The performance continued for several minutes as he set them aflame with a gas torch turned too high, and then applied sauces and crunchy things to the smoldering remains. The waiter told us that Salt Bae insisted we should eat each piece of sushi as a single bite, but really, they were way too small to do otherwise. Next to us another waiter was preparing the beef carpaccio ($30), which involved damp slices of meat spread across a plate, pounding cheese crackers with a knife, rolling up the meat, slicing it like a California roll, and then squirting balsamic all over it.
Despite being a Turkish steakhouse, there is little identifiably Turkish about the menu. In addition to the cart-borne specialties, there are a handful of unremarkable salads, raw seafood offerings, a couple of grilled fish, and the steaks. We regaled ourselves with a butter lettuce salad ($25), served with steak knives because the tough leaves had to be cut, and tossed at the table with too little dressing by our braggart waiter, who insisted on telling us about all the Salt Bae steakhouses he’d worked at.
We then turned to the steak section, which ran to 13 choices, including some items that weren’t really full steaks, like spaghetti with sliced sirloin, rack of lamb, and tenderloin kebabs marinated in milk. Since I’d eaten a hamburger at Peter Luger a few days before, we ordered the burger ($30) for comparative purposes. The server said that the chef prefers the burger cooked medium, so we ordered it as such, contrary to all our instincts regarding burgers.
The burger was thick and juicy, having been placed in a bun, cut in half, and regrilled so the cut surface of the bun was charred. Thin slices of yellow cheese and caramelized onions ramped up the goo factor. At half this price, I’d order it again, though it came with potato chips and no salad or fries of any sort. My half was consumed in four bites, taking two minutes.
But which steak to get? These ran from $70 to $275 without any sides, though many of the choices would feed two, or almost. The flagship of the meat fleet was the “Saltbae tomahawk,” a humongous, long-boned ribeye thickly coated with mustard, and said to be the only dry-aged steak in the place. At $275, you can understand why we demurred. Instead, we got the $100 Istanbul steak, which turned out to be an elongated New York strip steak.

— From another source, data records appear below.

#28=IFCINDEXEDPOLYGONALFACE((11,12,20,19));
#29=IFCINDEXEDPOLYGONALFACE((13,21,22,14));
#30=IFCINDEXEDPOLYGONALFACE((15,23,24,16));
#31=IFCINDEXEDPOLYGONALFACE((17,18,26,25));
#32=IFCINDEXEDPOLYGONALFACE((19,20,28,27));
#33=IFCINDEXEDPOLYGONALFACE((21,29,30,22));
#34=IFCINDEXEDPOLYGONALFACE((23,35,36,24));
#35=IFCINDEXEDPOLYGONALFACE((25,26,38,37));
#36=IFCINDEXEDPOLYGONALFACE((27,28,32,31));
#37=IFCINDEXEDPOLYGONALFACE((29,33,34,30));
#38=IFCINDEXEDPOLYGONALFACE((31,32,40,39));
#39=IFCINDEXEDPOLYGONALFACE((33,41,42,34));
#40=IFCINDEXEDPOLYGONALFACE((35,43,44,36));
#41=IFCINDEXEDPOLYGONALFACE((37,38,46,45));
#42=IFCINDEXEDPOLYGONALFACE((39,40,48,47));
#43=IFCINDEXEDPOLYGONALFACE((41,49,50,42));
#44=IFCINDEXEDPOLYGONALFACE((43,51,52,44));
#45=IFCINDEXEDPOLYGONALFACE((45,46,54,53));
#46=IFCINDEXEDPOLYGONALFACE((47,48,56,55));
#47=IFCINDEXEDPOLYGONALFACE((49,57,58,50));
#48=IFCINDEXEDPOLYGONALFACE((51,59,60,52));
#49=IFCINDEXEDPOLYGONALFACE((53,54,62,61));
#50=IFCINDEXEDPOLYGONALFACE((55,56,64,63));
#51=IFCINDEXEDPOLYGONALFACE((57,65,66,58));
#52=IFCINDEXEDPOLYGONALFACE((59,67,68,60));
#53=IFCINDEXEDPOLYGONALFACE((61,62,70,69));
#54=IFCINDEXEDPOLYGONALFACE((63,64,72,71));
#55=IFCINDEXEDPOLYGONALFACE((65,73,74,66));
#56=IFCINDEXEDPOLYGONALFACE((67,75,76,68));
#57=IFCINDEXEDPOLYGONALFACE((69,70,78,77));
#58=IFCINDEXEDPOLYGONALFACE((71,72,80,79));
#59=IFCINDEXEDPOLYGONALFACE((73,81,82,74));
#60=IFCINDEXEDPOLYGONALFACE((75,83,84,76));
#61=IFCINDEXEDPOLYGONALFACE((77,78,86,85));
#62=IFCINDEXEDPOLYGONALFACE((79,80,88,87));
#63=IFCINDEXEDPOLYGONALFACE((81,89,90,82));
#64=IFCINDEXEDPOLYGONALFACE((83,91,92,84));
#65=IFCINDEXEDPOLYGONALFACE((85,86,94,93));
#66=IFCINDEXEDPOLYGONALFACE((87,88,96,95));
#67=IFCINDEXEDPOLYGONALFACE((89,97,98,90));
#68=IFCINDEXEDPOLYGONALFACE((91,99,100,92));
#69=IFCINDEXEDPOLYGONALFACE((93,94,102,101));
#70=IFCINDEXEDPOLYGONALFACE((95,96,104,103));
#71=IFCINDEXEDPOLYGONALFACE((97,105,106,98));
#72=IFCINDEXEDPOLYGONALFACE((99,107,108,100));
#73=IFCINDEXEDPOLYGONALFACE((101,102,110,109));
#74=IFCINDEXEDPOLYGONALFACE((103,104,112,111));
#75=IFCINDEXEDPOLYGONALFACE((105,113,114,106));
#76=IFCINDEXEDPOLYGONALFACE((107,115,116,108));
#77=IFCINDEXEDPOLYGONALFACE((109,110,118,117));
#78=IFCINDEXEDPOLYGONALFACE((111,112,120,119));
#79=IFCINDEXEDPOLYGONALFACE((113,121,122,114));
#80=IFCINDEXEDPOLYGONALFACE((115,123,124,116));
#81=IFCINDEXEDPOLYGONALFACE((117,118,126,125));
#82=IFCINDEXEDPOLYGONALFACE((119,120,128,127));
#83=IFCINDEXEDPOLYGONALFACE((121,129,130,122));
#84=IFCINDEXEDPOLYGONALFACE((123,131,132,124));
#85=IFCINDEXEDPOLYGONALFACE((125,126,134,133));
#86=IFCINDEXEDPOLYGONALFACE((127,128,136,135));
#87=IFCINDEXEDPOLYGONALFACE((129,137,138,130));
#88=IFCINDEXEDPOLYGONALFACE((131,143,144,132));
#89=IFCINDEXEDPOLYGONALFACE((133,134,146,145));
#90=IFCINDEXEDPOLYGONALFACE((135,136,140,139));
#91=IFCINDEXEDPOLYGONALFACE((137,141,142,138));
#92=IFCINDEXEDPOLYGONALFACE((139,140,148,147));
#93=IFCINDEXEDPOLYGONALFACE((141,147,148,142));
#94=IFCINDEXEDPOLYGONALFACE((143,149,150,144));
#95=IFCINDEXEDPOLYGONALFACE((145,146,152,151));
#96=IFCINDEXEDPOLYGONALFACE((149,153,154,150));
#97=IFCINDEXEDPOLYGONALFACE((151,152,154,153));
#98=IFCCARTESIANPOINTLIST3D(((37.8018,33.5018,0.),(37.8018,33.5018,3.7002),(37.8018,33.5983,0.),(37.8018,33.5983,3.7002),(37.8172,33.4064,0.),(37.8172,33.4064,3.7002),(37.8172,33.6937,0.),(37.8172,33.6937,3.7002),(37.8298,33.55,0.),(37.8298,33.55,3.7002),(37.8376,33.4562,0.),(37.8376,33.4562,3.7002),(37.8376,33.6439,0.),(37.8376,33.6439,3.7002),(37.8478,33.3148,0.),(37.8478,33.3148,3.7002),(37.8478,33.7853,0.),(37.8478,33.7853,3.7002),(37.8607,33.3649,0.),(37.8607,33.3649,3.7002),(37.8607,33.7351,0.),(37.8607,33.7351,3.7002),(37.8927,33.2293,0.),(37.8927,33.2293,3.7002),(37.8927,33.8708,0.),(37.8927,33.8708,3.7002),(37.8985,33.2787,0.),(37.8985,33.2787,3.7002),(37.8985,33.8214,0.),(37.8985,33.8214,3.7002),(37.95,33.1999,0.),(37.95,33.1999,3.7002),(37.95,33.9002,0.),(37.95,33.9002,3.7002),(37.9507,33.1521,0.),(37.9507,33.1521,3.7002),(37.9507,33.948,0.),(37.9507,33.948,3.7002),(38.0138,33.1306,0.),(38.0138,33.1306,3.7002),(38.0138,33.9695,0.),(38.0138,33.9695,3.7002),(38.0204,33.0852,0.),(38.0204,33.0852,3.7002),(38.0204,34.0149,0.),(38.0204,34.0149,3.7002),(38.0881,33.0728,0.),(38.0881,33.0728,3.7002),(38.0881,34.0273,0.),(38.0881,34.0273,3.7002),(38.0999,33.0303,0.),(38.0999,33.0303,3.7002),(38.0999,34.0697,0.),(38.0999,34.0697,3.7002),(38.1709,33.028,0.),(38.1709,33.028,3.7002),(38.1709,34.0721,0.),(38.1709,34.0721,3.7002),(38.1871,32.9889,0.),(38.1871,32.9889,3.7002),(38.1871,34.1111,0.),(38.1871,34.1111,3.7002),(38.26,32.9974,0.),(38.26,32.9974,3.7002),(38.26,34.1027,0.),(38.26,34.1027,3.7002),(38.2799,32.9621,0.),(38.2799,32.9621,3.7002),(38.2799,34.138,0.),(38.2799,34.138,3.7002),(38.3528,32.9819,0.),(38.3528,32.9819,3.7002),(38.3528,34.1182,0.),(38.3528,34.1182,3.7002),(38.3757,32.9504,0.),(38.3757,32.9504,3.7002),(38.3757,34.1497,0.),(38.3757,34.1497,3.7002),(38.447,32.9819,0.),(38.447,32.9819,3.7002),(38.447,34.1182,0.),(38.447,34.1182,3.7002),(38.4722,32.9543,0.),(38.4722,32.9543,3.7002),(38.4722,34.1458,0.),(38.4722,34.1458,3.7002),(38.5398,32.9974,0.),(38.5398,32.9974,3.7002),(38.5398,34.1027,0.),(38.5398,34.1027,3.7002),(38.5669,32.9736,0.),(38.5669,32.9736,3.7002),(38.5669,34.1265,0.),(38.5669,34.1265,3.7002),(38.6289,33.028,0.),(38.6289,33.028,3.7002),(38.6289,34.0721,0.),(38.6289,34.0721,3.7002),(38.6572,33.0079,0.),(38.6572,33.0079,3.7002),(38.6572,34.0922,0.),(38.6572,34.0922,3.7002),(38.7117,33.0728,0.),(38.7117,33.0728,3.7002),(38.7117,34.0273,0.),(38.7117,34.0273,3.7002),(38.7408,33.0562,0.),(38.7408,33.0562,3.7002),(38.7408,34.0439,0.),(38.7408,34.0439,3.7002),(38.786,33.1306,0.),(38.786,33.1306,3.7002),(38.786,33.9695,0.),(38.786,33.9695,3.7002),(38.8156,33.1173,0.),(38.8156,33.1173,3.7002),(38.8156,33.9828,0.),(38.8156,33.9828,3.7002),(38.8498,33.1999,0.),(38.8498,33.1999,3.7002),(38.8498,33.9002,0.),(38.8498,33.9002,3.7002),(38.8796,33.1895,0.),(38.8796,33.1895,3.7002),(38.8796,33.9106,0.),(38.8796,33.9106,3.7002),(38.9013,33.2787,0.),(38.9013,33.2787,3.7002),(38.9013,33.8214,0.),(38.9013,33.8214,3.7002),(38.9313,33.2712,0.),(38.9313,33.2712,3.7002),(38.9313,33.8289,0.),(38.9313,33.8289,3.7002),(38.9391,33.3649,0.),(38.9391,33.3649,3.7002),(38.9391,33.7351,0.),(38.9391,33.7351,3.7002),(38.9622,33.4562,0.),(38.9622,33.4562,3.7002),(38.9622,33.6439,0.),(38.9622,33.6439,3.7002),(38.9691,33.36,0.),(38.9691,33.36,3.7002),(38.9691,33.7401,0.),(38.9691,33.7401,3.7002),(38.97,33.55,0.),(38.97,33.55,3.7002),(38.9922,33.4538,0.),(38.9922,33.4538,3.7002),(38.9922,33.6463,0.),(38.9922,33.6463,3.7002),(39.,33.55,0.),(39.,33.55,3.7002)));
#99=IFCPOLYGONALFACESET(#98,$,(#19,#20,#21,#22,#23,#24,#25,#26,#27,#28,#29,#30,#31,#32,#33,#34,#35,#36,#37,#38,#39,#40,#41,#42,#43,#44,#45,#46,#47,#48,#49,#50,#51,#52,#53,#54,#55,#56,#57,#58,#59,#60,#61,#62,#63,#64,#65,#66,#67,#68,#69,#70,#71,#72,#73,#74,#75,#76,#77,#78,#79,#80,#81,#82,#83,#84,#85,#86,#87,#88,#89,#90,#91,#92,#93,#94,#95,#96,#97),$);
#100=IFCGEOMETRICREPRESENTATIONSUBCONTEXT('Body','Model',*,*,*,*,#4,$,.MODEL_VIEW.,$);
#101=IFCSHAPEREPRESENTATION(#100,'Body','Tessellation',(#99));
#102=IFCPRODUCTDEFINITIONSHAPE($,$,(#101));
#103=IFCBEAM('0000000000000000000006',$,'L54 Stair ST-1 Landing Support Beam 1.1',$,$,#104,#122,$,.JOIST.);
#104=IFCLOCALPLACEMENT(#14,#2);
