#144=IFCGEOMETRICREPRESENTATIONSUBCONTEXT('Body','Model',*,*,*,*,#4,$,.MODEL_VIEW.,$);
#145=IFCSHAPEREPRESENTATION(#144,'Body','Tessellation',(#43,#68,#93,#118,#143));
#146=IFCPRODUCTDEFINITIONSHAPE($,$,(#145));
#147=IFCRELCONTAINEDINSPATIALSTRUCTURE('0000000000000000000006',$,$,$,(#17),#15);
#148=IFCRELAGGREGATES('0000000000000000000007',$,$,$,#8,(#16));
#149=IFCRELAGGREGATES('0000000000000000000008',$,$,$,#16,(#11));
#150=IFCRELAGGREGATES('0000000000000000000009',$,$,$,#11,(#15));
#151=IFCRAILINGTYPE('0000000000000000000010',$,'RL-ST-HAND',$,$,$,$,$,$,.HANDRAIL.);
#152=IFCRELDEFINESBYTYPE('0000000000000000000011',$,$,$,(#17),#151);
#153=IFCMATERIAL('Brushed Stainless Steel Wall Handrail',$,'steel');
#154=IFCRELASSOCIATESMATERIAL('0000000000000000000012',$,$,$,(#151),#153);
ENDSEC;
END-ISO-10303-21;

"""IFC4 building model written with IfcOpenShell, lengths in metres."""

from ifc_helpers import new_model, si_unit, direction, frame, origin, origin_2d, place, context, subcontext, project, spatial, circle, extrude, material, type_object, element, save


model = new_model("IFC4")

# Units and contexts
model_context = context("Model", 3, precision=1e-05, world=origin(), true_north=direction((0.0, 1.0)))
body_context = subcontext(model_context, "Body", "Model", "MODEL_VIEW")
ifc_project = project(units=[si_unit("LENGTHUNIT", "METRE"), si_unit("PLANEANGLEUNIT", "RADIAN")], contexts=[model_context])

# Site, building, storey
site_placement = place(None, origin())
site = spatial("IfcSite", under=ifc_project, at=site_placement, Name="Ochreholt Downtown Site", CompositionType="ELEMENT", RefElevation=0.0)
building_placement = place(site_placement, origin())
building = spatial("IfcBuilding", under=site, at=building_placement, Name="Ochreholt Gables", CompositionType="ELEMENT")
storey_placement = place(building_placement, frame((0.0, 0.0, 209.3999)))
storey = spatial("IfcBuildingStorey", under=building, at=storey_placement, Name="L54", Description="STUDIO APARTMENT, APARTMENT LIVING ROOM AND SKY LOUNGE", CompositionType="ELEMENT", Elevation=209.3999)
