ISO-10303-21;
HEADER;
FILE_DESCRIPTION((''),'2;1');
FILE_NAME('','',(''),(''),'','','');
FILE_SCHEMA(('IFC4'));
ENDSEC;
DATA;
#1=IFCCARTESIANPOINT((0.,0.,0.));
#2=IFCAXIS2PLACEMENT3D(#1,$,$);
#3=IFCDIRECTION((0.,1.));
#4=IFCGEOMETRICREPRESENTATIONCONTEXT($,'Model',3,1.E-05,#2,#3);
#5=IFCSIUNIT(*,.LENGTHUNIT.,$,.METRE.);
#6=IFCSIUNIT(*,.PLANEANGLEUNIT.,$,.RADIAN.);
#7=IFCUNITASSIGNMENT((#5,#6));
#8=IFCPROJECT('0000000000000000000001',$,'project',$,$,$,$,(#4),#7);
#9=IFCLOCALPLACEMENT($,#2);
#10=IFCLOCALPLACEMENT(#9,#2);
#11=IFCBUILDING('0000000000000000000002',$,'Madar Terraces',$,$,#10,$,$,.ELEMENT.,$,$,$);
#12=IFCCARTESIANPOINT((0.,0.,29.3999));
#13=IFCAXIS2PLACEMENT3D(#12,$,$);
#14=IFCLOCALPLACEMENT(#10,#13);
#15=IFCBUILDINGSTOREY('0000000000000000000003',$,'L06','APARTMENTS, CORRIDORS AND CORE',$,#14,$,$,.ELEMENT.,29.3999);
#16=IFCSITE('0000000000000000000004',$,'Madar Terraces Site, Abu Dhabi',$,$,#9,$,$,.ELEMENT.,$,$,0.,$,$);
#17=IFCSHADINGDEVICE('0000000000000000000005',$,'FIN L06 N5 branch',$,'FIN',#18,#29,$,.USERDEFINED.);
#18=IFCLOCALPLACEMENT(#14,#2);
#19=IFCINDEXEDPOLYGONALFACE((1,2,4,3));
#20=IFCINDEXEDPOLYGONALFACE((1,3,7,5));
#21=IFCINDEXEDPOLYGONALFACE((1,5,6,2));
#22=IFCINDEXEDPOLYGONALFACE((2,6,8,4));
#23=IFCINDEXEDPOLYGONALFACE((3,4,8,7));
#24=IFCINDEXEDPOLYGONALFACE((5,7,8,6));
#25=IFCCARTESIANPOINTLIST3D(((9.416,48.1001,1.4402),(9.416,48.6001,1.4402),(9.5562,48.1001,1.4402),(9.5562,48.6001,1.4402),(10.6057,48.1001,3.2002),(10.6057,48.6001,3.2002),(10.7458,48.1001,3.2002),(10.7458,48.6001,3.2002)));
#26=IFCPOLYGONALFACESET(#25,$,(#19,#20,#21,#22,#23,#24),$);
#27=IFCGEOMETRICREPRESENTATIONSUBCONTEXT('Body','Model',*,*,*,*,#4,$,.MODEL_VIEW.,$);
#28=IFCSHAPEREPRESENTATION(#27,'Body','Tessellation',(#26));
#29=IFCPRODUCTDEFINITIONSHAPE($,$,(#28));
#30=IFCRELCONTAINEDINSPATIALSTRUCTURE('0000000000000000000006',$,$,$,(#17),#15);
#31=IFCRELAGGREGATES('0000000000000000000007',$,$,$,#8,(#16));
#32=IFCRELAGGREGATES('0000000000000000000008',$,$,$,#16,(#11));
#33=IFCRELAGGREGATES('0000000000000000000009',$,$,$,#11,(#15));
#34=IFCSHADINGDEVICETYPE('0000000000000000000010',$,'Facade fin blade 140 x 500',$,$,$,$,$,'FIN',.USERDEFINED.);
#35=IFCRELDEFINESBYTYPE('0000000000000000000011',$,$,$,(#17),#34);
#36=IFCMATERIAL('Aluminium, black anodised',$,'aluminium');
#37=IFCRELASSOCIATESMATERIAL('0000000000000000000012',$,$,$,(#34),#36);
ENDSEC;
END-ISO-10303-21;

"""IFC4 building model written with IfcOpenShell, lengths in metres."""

from ifc_helpers import new_model, si_unit, direction, frame, origin, place, context, subcontext, project, spatial, polyline, outline, extrude, material, type_object, element, save


model = new_model("IFC4")

# Units and contexts
model_context = context("Model", 3, precision=1e-05, world=origin(), true_north=direction((0.0, 1.0)))
body_context = subcontext(model_context, "Body", "Model", "MODEL_VIEW")
ifc_project = project(units=[si_unit("LENGTHUNIT", "METRE"), si_unit("PLANEANGLEUNIT", "RADIAN")], contexts=[model_context])

# Site, building, storey
site_placement = place(None, origin())
site = spatial("IfcSite", under=ifc_project, at=site_placement, Name="Madar Terraces Site, Abu Dhabi", CompositionType="ELEMENT", RefElevation=0.0)
building_placement = place(site_placement, origin())
building = spatial("IfcBuilding", under=site, at=building_placement, Name="Madar Terraces", CompositionType="ELEMENT")
storey_placement = place(building_placement, frame((0.0, 0.0, 29.3999)))
storey = spatial("IfcBuildingStorey", under=building, at=storey_placement, Name="L06", Description="APARTMENTS, CORRIDORS AND CORE", CompositionType="ELEMENT", Elevation=29.3999)

# Shading device
ifc_material_1 = material(Name="Aluminium, black anodised", Category="aluminium")
shading_device_type = type_object("IfcShadingDeviceType", Name="Facade fin blade 140 x 500", ElementType="FIN", PredefinedType="USERDEFINED", material=ifc_material_1)
shading_device_placement = place(storey_placement, frame((9.5562, 48.3501, 1.4402), z_axis=(0.0, 0.0, 1.0), x_axis=(-1.0, 0.0, 0.0)))
element("IfcShadingDevice", 1, at=shading_device_placement, inside=storey, type_object=shading_device_type, Name="FIN L06 N5 branch", ObjectType="FIN", PredefinedType="USERDEFINED", context=body_context, shape_type="SweptSolid", body=[
    extrude(outline(polyline([(0.0, 0.0), (0.1401, 0.0), (-1.0496, 1.76), (-1.1897, 1.76), (0.0, 0.0)])), frame((0.0, 0.25, 0.0), z_axis=(0.0, -1.0, 0.0), x_axis=(1.0, 0.0, 0.0)), (0.0, 0.0, 1.0), 0.5),
])

save(model, "model.ifc")
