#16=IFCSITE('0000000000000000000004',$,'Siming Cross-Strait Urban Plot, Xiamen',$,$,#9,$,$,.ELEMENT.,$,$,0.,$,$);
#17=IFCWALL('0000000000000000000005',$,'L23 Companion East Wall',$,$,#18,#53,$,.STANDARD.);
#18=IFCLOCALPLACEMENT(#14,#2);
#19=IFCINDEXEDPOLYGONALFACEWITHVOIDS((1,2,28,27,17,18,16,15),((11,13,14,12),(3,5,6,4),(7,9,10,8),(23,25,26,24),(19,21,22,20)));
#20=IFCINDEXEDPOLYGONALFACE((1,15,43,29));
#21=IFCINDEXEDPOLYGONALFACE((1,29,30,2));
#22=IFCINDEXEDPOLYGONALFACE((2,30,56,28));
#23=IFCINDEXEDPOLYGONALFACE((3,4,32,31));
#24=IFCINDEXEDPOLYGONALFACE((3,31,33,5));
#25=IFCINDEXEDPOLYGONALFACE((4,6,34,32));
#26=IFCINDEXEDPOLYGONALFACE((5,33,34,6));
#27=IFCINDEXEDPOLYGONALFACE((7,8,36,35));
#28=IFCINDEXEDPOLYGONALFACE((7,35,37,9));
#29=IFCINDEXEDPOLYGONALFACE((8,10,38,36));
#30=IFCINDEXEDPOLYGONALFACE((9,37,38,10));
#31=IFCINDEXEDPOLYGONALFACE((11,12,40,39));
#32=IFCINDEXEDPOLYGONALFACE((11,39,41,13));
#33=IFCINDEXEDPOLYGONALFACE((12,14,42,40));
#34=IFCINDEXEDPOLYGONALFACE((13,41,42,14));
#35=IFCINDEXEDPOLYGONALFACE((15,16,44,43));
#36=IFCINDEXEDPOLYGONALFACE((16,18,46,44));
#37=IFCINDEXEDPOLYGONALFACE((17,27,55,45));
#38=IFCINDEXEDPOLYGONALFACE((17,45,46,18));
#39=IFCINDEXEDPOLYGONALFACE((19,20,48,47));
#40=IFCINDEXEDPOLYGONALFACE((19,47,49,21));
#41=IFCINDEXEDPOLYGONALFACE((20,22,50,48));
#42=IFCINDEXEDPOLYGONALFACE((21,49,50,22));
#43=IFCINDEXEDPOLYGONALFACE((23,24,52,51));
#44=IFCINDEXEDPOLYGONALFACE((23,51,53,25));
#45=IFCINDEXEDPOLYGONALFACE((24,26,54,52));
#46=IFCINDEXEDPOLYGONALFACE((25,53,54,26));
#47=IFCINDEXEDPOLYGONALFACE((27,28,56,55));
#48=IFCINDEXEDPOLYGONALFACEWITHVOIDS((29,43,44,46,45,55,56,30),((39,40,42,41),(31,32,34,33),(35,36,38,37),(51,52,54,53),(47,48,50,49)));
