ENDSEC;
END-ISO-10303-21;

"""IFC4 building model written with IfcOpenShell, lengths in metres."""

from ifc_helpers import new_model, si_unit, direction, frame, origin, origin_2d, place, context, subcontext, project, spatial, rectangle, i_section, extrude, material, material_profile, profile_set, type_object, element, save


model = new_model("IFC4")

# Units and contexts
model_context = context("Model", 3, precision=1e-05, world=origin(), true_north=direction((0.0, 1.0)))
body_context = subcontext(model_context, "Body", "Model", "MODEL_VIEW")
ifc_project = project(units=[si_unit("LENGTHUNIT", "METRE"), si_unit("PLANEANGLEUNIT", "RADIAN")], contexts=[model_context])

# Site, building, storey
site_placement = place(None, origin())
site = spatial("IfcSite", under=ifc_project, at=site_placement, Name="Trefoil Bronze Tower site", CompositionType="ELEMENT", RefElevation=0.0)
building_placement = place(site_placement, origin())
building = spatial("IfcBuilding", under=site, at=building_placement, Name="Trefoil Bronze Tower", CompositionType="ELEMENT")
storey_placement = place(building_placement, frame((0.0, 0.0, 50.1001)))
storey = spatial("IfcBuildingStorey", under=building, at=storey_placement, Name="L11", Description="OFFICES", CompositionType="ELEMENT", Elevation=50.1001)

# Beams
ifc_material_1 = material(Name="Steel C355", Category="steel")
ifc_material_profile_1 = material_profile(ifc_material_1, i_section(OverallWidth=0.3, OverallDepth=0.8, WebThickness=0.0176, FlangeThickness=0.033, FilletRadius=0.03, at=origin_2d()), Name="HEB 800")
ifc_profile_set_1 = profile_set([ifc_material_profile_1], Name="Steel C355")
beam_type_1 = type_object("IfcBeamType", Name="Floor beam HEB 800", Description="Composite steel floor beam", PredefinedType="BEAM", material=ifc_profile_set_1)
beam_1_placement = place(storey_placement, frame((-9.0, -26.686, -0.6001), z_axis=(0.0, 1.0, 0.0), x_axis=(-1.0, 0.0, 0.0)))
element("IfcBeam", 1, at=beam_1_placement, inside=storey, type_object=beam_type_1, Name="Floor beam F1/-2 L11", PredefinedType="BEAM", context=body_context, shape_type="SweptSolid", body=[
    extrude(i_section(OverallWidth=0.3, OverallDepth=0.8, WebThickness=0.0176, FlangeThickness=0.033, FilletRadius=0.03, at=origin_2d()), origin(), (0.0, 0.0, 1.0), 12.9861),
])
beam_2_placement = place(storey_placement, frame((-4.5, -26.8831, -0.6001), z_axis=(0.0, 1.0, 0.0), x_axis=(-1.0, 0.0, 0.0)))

It looked a little lonely when it arrived on its branded cutting board. But then the star of the show bounded up, and he was in the figurative spotlight. With remarkable efficiency and magnetism that drew every eye in the vicinity, he did his little cutting and slapping routine. But we’d already seen it so many times before, on our cell phones and now in person, that it seemed a little stale. The play needs a second act.
The steak was good though, perfectly cooked though not benefiting much from the charcoal fire. Thankfully, it was medium rare rather than medium, with some nice edge fat that we willingly gobbled. We finished up our meat with a serving of baklava that a staff member absurdly prepared at the table by slicing it horizontally and then filling it with melted ice cream.
Service was included on our tab, which had zoomed to $320 for two, including a rather small glass of red Turkish wine for each of us. We went away still hungry. Even for a steakhouse, that seemed expensive. Though for dinner and a play on a date night, maybe the price is right.